44Par ailleurs, la progression de la stérilité avec l’âge peut, évidemment, être accélérée par un mauvais état sanitaire : lésions gynécologiques aiguës, syphilis et autres maladies vénériennes. A. Retel-Laurentin l’a montré pour une population africaine, les Nzakara (cf. Réf. 134 bis). Nous l’avons, nous-même, soupçonné pour certaines générations martiniquaises.
45Dans les populations modernes, le problème se trouve encore compliqué par l’existence de nombreuses opérations chirurgicales ayant pour effet (recherché ou subi) une stérilisation de la femme. Il est vrai, qu’à l’inverse, les stérilités pathologiques y sont mieux traitées. Mais il n’en reste pas moins qu’une certaine proportion des couples se découvrent stériles avant d’avoir eu le temps de constituer la descendance qu’ils souhaitaient, et ce problème mériterait plus d’attention qu’il en reçoit actuellement.

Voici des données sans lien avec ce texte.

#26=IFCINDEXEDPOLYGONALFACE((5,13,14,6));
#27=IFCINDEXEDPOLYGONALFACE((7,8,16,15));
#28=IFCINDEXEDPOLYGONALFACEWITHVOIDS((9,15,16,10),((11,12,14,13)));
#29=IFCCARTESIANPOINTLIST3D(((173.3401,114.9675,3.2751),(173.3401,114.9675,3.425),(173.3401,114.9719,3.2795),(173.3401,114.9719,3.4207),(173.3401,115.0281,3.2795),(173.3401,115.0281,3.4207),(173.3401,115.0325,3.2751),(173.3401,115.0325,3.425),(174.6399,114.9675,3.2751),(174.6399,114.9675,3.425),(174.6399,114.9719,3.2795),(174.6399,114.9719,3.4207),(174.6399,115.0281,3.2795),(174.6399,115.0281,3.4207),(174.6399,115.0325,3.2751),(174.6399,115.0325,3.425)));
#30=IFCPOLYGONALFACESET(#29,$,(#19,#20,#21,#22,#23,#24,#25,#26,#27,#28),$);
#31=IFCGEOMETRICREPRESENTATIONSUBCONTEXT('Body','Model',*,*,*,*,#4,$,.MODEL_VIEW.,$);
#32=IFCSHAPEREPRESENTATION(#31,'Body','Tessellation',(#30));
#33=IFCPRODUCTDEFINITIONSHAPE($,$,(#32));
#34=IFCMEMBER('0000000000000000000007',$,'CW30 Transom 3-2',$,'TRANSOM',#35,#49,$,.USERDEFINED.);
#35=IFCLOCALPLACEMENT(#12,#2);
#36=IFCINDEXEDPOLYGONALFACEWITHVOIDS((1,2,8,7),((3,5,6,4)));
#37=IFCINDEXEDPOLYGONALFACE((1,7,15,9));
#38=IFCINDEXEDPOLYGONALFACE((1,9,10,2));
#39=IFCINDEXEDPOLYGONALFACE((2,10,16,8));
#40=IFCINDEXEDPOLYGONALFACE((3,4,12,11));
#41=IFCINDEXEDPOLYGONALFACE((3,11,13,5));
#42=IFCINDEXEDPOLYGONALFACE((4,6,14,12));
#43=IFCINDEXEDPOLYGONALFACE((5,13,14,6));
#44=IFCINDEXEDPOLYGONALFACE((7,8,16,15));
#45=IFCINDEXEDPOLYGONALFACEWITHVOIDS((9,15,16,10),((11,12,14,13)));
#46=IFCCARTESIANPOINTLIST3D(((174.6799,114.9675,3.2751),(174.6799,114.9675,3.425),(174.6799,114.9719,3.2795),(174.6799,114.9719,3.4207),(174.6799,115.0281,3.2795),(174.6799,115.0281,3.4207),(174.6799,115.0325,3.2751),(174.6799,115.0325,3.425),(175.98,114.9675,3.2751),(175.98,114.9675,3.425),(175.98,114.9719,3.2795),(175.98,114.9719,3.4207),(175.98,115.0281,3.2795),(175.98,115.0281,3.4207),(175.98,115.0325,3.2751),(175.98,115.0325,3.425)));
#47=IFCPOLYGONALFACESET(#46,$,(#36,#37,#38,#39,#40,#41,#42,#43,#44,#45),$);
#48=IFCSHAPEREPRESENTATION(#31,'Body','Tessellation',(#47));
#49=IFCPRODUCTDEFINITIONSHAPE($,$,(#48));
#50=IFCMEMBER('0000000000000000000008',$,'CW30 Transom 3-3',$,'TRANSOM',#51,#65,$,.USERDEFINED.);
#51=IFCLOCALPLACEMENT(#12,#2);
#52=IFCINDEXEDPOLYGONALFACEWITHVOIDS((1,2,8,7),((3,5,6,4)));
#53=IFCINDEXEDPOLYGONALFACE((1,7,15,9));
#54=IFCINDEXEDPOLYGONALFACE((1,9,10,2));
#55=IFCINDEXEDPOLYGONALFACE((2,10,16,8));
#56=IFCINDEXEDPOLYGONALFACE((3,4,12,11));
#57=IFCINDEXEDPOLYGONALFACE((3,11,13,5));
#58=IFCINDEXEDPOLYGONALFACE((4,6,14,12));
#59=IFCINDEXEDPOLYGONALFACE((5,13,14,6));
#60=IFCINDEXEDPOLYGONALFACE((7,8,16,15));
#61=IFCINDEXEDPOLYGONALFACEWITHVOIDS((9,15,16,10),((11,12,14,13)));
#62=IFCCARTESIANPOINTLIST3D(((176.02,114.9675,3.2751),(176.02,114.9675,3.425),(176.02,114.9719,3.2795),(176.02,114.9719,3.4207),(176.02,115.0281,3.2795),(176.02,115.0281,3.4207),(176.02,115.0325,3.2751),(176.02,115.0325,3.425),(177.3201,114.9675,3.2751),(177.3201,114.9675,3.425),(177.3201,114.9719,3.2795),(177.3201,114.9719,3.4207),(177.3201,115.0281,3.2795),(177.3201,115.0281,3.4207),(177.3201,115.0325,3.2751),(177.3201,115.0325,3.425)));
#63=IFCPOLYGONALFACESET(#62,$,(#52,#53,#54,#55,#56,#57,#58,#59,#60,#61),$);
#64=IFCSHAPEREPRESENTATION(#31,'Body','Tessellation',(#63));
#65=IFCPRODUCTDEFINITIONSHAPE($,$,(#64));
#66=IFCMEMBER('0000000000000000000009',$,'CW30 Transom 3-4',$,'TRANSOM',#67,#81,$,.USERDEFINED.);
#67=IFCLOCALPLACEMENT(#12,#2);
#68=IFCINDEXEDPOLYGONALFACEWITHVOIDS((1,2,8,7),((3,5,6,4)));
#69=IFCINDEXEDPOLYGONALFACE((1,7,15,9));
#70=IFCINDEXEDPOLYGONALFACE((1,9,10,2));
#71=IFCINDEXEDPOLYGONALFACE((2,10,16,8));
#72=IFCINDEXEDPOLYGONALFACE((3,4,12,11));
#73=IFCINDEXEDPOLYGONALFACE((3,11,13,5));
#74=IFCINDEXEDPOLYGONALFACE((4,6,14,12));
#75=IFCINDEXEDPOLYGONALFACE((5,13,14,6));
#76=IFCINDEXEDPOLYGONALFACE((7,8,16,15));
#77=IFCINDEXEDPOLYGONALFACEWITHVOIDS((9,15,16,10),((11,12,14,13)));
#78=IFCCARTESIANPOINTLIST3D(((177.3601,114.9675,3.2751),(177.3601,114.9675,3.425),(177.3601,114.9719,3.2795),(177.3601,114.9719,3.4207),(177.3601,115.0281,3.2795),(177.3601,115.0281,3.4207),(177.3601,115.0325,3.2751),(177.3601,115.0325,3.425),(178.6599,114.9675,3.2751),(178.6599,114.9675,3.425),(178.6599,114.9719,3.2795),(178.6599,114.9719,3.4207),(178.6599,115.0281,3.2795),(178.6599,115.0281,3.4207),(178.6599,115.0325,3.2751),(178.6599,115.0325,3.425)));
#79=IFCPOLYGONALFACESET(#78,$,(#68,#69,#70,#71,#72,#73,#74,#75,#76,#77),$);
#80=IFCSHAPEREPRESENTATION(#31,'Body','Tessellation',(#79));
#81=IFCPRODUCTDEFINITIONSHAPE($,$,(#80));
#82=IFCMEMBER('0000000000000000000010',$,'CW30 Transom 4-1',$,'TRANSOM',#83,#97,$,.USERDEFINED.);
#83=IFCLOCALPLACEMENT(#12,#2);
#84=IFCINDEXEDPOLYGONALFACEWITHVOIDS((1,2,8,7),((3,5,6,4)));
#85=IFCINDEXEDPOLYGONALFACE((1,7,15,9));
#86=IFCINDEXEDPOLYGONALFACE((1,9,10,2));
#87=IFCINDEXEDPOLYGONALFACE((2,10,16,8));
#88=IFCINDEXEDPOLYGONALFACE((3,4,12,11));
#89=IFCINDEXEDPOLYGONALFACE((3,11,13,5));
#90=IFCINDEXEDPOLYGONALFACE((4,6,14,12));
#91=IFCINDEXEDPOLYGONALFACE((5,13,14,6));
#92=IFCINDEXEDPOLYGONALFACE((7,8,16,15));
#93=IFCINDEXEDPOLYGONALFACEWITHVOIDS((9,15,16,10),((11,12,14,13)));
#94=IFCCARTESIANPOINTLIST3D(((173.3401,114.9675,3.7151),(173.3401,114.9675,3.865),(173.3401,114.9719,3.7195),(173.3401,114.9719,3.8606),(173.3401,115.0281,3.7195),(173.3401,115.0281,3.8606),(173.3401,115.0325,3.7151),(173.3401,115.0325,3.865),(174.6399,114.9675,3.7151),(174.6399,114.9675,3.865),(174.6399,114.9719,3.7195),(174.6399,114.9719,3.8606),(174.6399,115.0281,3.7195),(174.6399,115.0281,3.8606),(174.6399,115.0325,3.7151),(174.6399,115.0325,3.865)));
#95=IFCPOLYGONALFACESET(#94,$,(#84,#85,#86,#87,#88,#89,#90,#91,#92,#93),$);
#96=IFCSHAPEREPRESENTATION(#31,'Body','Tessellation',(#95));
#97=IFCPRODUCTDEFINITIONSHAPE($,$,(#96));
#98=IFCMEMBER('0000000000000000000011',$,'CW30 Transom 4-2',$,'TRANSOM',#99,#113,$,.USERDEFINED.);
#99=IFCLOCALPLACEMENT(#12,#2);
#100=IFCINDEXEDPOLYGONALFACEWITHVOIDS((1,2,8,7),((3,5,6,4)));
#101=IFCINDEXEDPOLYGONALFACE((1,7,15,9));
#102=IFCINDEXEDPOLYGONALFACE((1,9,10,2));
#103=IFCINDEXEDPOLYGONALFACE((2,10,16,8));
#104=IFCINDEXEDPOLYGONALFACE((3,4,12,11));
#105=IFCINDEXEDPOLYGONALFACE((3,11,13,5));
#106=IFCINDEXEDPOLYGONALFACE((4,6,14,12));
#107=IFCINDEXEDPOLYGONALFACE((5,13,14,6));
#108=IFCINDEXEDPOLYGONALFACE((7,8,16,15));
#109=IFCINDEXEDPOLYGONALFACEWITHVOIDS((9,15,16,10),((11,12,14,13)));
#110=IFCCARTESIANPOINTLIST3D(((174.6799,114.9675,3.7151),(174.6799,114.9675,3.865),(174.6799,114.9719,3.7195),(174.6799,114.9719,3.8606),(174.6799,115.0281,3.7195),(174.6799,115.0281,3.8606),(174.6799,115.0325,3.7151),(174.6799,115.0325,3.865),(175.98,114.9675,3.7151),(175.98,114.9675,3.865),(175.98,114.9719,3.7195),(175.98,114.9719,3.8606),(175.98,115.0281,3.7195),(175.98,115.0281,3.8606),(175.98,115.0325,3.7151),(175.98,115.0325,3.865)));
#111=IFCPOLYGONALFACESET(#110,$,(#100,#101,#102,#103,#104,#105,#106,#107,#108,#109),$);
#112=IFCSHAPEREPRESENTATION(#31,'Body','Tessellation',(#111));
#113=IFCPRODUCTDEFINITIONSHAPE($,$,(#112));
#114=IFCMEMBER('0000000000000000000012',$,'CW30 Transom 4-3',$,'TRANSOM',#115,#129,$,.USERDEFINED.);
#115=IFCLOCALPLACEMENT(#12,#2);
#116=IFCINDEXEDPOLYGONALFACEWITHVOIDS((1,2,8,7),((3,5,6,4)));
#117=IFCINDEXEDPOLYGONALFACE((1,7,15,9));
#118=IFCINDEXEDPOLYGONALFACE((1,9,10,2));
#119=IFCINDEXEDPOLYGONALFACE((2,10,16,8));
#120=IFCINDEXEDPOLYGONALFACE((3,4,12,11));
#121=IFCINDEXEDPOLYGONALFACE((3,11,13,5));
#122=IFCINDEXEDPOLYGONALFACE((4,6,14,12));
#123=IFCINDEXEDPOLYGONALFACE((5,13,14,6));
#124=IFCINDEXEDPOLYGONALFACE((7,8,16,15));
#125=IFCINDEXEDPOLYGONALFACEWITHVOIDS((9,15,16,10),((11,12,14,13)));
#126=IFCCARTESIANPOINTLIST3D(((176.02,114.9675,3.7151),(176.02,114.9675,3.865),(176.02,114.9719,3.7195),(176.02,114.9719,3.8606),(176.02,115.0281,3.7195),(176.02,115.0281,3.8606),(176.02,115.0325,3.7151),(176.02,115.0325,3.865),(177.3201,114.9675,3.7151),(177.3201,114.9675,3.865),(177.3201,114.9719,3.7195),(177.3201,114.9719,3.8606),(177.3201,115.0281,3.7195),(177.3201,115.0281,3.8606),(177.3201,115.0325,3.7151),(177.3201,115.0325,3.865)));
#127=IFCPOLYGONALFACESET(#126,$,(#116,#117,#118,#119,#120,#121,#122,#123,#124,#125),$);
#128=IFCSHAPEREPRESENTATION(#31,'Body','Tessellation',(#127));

Nous nous bornerons ici à renvoyer à quelques enquêtes dont les auteurs ont consacré une partie de l’analyse aux problèmes de stérilité et de sous-fertilité : les enquêtes américaines “Growth of American Family”6, l’enquête belge7 et une enquête réalisée à la Nouvelle-Orléans (Réf. 131).
46Pour être complet, ajoutons un mot sur les périodes de stérilité temporaire. À dire vrai, nous en avons déjà beaucoup parlé, puisque les plus importantes sont les périodes de stérilité post-partum. Mais il peut en exister à d’autres moments, par exemple sous la forme de cycles anovulaires. Les estimations sur la fréquence de ces cycles varient entre 5 et 15 % ; le plus important serait de savoir s’ils surviennent par grappes, ou isolément. Dans le second cas, la fécondabilité peut les prendre en compte, mais pas dans le premier.
Notes de bas de page
1 Publié par les Nations-Unies.
2 Publié par les Nations-Unies.
3 Publié par les Nations-Unies.
4 En fait, (1 – a0) comprend le risque de stérilité lié à un premier accouchement n’ayant pas donné lieu à une naissance vivante (fausse couche, par exemple).

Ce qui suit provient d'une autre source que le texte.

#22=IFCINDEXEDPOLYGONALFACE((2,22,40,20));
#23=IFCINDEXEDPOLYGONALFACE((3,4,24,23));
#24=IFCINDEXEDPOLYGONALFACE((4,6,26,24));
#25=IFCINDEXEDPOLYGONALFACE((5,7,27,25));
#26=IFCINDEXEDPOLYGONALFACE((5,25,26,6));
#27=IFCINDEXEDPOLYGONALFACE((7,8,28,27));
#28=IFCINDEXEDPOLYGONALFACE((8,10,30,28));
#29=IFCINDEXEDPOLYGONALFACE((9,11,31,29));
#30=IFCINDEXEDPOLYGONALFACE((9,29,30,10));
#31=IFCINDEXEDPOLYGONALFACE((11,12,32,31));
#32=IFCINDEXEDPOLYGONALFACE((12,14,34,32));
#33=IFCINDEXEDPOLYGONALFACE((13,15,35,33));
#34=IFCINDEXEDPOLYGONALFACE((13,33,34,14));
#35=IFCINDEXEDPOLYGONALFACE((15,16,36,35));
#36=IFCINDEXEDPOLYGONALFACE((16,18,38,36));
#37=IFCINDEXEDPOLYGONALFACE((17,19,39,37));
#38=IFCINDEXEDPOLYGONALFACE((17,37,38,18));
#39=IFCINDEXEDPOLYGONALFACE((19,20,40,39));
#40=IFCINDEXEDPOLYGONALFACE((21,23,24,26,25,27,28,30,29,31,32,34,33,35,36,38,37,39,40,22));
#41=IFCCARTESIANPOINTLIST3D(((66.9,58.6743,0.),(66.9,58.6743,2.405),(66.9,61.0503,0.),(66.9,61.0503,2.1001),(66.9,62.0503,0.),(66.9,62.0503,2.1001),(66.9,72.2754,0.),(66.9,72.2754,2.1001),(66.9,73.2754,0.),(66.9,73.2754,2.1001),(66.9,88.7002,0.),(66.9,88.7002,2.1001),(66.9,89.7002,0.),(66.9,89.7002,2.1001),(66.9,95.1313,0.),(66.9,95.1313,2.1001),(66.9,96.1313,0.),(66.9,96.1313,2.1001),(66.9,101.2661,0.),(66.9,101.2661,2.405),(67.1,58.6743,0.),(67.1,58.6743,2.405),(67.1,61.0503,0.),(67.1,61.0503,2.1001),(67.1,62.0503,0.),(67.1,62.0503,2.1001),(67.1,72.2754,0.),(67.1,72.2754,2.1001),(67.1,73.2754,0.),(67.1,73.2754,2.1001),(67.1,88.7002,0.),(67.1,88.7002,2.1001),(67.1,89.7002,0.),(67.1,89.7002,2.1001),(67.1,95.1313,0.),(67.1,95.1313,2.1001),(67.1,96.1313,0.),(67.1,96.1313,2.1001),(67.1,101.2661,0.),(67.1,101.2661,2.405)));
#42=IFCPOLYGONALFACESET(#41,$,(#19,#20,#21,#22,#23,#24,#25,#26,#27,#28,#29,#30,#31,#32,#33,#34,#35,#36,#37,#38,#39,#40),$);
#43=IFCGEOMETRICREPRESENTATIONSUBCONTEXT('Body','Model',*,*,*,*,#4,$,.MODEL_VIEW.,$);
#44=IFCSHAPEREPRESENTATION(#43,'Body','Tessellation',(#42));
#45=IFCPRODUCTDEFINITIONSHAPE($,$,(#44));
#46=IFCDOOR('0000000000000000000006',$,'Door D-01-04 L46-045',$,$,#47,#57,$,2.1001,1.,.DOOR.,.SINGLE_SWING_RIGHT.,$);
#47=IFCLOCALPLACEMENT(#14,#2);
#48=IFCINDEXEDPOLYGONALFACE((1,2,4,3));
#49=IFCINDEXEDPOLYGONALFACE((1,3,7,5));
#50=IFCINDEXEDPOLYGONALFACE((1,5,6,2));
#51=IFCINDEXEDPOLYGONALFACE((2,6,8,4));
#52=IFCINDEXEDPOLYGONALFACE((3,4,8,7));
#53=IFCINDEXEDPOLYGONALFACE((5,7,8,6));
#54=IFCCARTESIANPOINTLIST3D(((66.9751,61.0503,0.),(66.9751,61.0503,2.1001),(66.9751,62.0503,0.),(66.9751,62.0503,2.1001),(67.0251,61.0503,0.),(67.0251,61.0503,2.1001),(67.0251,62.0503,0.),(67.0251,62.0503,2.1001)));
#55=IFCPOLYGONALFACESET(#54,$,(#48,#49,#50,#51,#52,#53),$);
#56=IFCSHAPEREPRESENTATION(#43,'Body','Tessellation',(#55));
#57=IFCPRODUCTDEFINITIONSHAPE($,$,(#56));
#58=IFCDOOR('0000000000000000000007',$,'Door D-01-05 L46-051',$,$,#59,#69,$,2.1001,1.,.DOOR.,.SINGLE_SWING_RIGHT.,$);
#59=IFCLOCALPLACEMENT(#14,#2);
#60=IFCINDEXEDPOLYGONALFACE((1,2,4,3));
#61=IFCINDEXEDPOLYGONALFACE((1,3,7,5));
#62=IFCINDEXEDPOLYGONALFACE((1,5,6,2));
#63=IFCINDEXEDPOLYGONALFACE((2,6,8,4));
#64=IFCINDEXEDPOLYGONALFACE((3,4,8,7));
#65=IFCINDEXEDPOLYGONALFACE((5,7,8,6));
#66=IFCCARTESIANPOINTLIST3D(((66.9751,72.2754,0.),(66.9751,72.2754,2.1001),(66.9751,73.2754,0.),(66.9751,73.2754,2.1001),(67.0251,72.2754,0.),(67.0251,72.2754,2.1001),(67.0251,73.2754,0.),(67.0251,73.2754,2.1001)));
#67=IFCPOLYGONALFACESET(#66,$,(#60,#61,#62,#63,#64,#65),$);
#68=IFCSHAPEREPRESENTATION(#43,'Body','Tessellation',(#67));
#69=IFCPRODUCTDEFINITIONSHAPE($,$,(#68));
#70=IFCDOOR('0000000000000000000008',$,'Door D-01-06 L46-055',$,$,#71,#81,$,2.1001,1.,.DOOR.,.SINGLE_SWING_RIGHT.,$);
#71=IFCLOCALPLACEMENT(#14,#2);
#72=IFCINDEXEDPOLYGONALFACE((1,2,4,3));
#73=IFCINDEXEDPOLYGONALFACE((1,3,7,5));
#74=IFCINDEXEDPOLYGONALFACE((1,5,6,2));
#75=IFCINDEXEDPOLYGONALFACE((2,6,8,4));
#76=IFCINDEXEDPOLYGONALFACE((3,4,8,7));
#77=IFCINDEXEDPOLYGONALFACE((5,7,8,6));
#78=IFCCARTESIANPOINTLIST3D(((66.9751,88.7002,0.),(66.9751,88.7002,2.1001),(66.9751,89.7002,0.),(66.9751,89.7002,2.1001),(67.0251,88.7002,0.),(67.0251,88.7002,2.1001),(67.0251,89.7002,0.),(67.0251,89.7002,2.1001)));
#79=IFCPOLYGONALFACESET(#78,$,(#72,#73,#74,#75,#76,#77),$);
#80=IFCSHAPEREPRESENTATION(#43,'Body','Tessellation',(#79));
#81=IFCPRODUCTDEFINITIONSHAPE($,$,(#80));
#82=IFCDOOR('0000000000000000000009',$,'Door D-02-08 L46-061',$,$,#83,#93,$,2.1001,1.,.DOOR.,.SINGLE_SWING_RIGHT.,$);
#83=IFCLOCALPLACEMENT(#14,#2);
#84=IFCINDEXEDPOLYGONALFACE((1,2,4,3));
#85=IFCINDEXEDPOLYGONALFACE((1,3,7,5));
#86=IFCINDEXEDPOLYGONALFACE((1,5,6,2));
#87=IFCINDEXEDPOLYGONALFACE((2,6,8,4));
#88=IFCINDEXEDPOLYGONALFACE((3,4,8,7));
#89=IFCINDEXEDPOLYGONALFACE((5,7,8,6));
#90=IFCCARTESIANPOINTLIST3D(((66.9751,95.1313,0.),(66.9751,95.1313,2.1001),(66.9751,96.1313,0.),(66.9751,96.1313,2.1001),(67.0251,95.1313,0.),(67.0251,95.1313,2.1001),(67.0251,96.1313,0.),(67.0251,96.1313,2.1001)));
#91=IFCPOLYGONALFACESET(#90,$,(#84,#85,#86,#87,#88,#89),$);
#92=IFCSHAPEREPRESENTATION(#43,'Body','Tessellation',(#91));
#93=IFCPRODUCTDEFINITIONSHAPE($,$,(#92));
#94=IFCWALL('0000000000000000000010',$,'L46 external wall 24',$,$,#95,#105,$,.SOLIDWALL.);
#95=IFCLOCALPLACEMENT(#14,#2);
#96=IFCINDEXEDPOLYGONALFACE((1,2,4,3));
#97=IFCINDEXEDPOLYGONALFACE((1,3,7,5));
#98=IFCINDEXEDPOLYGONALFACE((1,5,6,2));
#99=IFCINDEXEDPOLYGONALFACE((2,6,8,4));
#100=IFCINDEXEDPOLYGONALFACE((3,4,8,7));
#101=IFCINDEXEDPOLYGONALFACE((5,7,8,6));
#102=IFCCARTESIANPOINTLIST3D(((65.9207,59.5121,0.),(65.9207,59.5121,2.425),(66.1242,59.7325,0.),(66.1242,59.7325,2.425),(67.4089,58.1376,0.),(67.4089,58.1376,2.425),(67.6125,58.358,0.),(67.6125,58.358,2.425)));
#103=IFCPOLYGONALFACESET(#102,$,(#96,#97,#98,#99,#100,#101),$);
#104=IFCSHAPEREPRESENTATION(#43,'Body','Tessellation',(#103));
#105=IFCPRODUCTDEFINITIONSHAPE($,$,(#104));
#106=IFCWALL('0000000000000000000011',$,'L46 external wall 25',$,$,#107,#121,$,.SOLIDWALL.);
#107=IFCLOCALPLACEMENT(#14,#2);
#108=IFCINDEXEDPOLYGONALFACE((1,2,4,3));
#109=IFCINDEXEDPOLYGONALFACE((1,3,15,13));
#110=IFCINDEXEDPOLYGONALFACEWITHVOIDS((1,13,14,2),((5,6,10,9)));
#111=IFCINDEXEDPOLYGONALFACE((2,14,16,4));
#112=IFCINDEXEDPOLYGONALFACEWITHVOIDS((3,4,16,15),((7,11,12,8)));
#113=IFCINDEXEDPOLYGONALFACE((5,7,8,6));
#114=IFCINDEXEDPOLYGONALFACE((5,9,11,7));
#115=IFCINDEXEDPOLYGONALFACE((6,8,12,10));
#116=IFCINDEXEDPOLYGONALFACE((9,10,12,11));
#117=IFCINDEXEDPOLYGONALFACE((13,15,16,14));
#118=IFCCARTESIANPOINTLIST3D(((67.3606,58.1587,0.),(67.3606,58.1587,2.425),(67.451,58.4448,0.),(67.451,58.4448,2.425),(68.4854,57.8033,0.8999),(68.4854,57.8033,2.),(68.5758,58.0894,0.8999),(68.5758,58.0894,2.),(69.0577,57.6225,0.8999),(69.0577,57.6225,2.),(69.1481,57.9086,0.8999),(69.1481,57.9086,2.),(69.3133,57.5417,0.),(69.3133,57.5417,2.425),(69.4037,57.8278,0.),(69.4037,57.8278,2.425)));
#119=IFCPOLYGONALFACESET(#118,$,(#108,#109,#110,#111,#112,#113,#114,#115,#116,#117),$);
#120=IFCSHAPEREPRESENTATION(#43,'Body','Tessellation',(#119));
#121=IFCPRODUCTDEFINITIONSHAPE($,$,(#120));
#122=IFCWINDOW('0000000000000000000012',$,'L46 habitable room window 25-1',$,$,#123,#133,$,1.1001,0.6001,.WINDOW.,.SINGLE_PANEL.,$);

5 En fait, l’une des cinq séries avait été établie par la méthode des probabilités d’agrandissement.
6 Freedman, Whelpton, Campbell : “Family planning, sterility and population growth”, Mac Graw-Hill, New-York, 1959.
Whelpton, Campbell, Patterson : “Fertility and family planning in the United States”, Princeton Univ. Press, 1966.
7 Cliquet (R.L.) : “The sociobiological aspects of the National Survey on fecundity and fertility in Belgium”, J. of Biosoc. Sci., 1969, 1.